If you don't set that flag, the type initializer will be called when either an instance of the class is created or any of the static members of the class are referenced. (Taken from the C# spec, using CLI spec here would be more accurate, but the end result is the same.^*)

What this means is that without beforefieldinit, the compiler is very confined about when to call the type initializer, it can't decide to call it a bit earlier, even if doing that would be more convenient (and resulted in faster code).

Knowing this, we can look at what's actually happening in your code. The problematic cases are static methods, because that's where the type initializer might be called. (Instance constructor is another one, but you're not measuring that.)

I focused on the method s_1_Test(). And because I don't actually need it to do anything, I simplified it (to make the generated native code shorter) to:

public static object s_1_Test<T>(TestClass<pR> class1, pR local1) where T:IConvertible
{
    return null;
}

Now, let's look at the disassembly in VS (in Release mode), first without the static constructor, that is with beforefieldinit:

00000000  xor         eax,eax
00000002  ret

Here, the result is set to 0 (it's done in somewhat obfuscated manner for performance reasons) and the method returns, very simple.

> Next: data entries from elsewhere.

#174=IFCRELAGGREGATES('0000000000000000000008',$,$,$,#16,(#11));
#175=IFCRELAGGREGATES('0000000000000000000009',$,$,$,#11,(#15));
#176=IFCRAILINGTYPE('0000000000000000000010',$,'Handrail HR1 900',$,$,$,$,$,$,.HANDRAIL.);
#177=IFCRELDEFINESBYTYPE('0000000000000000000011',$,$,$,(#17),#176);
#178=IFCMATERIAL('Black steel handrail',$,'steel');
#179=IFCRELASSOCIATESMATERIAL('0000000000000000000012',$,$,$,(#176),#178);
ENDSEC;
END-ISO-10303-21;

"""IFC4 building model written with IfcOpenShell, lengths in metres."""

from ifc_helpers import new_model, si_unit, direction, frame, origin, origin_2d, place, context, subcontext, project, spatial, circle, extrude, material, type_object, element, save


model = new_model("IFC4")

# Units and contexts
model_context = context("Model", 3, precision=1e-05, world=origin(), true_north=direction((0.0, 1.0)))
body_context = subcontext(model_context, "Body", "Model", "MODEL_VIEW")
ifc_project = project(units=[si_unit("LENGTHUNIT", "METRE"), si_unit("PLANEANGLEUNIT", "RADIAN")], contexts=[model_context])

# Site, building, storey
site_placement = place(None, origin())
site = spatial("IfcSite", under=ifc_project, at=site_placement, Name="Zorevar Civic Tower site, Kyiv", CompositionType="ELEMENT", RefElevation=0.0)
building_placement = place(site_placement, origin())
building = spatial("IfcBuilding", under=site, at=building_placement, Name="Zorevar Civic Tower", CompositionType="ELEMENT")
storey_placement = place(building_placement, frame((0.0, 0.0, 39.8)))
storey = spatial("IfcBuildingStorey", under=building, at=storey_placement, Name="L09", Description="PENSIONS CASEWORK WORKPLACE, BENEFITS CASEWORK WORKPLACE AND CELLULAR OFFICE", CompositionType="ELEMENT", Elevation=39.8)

What happens with static the static constructor (i.e. without beforefieldinit)?

00000000  sub         rsp,28h
00000004  mov         rdx,rcx
00000007  xor         ecx,ecx
00000009  call        000000005F8213A0
0000000e  xor         eax,eax
00000010  add         rsp,28h
00000014  ret

This is much more complicated, the real problem is the call instruction, which presumably calls a function that invokes the type initializer if necessary.

I believe this the source of the performance difference between the two situations.

The reason why the added check is necessary is because your type is generic and you're using it with a reference type as a type parameter. In that case, the JITted code for different generic versions of your class is shared, but the type initializer has to be called for each generic version. Moving the static methods to another, non-generic type would be one way to solve the issue.

^* Unless you do something crazy like calling instance method on null using call (and not callvirt, which throws for null).